11 февраля. У него были дети, которых я встречал иногда на улице. Одевали Шаповаловы своих детей чистенько, даже нарядно, на мой взгляд. Их дети никогда не бегали по улице одни, а гуляли с мамой. Говорили они по — немецки. Имена они носили странные. Мальчика моих лет звали Путя. Девочку помоложе — Бабуая. А младшую, лет четырех, — Пупутя. Их настоящих имен я не запомнил. Жили Шаповаловы в большом доме, недалеко от нас. В доме Бударного. И Путя казался мне мальчиком необыкновенно богатым и счастливым: у него был собственный ослик, которому Яков Власьевич дал имя Чемберлен. При встрече Яков Власьевич часто звал меня в гости. И вот я в один прекрасный день отправился к Шаповаловым. Подойдя к их дому, я попытался заглянуть через забор. Наконец, после многих прыжков, мне удалось увидеть двор с гигантскими шагами, с беседкой, с бурьяном и зелеными кустами — совсем безлюдный. За оконными занавесками я тоже никого не увидел. Позвонить я не решился и сел на ступеньках крыльца, ожидая, не появится ли живая душа. И вот через некоторое время к дому подъехал на извозчике сам Яков Власьевич. ‘Что же ты сидишь тут — пойдем!» — сказал он мне. И я вошел с ним в чистый — чистый, чинный и зажиточный шаповаловский и немецкий мир. Мы поиграли немного с Путей. Из его сокровищ потрясла меня больше всего железная дорога. Паровоз с настоящей топкой, темно — зеленый, с красными колесами, стройный и легкий на вид и тяжелый, как утюг, был не в порядке. Что — то случилось с котлом, и его нельзя было затопить и пустить по рельсам. Но он и без того казался прекрасным. А еще чудеснее были рельсы. В разобранном виде они наполняли большой картонный ящик. Их можно было прокладывать через весь огромный шаповаловский двор, а закругления позволяли их поворачивать в требуемом направлении. Затем Путя взнуздал и вывел из конюшни смирного Чемберлена и ушел на застекленную террасу заниматься, а я поехал по двору верхом. Я все ездил и ездил до одурения, все не мог расстаться с добрым ослом. Но вот у него лопнуло терпение. Он наклонил шею и лягнул обеими ногами. Я мягко съехал на траву, а ослик бежал в конюшню.

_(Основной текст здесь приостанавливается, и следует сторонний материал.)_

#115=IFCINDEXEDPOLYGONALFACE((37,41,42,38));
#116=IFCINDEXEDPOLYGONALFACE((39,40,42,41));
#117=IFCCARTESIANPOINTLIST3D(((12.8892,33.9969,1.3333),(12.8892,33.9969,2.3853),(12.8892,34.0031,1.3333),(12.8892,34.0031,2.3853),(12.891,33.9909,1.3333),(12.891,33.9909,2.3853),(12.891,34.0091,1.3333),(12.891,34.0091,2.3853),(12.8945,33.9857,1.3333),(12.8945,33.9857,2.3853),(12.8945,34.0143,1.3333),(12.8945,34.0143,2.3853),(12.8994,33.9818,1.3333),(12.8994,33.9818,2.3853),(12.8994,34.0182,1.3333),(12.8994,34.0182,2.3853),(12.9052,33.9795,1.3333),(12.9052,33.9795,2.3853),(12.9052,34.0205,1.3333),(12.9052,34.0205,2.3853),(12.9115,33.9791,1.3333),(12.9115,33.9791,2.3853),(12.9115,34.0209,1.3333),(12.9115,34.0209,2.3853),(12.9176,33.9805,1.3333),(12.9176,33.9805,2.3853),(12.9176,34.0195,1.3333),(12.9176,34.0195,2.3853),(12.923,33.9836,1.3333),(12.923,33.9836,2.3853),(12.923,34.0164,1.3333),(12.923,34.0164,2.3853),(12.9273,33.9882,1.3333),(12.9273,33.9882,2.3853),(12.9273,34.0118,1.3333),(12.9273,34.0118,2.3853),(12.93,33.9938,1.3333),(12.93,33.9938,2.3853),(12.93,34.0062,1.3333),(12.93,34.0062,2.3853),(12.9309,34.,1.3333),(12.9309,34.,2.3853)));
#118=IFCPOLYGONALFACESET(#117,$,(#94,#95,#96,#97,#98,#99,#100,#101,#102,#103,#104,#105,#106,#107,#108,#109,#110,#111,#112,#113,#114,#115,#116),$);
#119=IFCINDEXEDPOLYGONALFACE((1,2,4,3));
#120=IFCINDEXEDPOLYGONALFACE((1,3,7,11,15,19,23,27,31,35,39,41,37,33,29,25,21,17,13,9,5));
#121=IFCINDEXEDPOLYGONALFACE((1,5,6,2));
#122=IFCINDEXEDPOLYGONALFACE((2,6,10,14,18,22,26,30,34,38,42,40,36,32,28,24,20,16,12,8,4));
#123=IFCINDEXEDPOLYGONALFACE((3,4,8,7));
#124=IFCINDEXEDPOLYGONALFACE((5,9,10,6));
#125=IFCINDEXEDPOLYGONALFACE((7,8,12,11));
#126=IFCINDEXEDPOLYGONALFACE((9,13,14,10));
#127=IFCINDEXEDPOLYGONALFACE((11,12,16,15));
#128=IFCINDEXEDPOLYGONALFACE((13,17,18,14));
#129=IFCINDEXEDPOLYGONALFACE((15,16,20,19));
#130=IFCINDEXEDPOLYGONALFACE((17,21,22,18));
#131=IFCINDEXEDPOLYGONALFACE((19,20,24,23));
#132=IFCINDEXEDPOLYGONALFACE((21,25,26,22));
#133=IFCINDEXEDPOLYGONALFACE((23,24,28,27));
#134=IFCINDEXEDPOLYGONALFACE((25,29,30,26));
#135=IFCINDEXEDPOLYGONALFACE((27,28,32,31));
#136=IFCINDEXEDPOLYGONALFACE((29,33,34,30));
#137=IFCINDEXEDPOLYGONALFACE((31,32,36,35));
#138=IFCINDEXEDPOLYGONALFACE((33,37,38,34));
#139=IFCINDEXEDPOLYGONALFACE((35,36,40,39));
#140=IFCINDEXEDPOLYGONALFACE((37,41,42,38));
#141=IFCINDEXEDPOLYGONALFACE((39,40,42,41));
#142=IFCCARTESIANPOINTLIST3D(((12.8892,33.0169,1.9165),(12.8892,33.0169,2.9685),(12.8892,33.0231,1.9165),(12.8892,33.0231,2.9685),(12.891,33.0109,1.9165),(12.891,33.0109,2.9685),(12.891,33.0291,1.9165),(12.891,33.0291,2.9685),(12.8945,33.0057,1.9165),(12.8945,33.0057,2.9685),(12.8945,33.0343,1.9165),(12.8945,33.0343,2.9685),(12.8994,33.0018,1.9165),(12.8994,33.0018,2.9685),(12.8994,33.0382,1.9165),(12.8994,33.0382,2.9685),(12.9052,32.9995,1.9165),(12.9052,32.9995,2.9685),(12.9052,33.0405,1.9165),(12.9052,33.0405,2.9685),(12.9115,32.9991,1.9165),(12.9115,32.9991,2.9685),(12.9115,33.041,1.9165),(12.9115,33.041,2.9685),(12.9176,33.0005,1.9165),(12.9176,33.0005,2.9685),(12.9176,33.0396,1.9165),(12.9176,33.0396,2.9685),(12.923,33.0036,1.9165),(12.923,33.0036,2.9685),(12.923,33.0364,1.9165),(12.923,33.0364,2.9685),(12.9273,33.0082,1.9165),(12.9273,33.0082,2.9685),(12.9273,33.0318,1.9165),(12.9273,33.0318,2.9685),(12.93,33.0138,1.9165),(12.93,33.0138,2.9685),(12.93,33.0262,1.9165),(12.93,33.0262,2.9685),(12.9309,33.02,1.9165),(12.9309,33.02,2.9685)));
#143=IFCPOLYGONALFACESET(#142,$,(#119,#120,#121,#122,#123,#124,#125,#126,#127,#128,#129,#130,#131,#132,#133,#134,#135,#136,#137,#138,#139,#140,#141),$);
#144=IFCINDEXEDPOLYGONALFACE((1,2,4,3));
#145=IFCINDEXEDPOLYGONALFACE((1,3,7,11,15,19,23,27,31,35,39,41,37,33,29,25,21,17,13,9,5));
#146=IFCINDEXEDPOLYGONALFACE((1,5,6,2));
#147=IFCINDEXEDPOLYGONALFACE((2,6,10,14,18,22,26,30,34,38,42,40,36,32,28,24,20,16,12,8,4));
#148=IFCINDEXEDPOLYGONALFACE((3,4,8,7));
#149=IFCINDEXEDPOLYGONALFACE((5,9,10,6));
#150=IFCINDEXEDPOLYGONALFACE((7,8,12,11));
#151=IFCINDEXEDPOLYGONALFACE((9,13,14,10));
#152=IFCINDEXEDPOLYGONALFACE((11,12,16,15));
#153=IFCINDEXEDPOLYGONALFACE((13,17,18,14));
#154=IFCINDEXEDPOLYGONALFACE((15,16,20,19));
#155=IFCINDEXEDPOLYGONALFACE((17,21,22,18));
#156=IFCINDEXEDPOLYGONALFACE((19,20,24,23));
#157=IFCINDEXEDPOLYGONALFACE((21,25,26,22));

12 февраля. У нас никогда не было налаженного удобного быта, мама не умела, да, вероятно, и не хотела его наладил». Мебель у нас стояла дешевая. На стенах висели открытки (помню Руфь с колосьями). Стол в столовой был накрыт клеенкой. Библиотеки не накопилось, в кабинете стоял книжный шкаф с папиными медицинскими книжками. Туда прибавился со временем энциклопедический словарь издательства «Просвещение» и Гельмольт, «История человечества», в том же издании, приобретенные, кажется, по подписке. У старших, которые попали в Майкоп поневоле, не было, видимо, ощущения, что жизнь уже определилась окончательно. Им все казалось, что живут они тут пока. Отчасти этим объясняется неустроенность нашего дома. Но кроме того слой интеллигенции, к которому принадлежали мы, считал как бы зазорным жить удобно. У Соловьевых жизнь шла налаженнее, хозяйственнее, уютнее, но и у них она была подчеркнуто проста и непарадна. Перелистывая недавно «Ниву» за тринадцатый год, увидел я фотографии, помещенные к юбилею Короленко. И сразу почувствовал, узнал знакомую обстановку. Клеенка на обеденном столе, простые тарелки, графин с водой, с общим для всех стаканом, гнутые венские стулья. А ведь Короленко был к этому времени зажиточным человеком. Но таков уж закон неписаный, почти что монашеский устав. Жить удобно, с комфортом позволяли себе почему — то одни адвокаты. И папа однажды сказал: «Раздражает меня Шаповалов. Везде он умеет устроиться уж слишком удобно. В поезде я с ним ехал: у него и ночные туфли, и халат — черт знаец что такое!» Да, шаповаловский дом был совсем не похож на наш. Помню, что я с завистью смотрел на Путину библиотеку. У него был целый шкафчик книг, но, увы, — все почти немецких. Комнаты у Шаповаловых выглядели нарядно: ковры, картины, мягкая мебель. Помню, как удивил меня стол, накрытый в беседке к завтраку: рюмки для яиц, салфетки в серебряных кольцах, кофейник со спиртовкой, молоко в молочнике, анев глиняных кувшинах и не в кастрюльках, белоснежная скатерть.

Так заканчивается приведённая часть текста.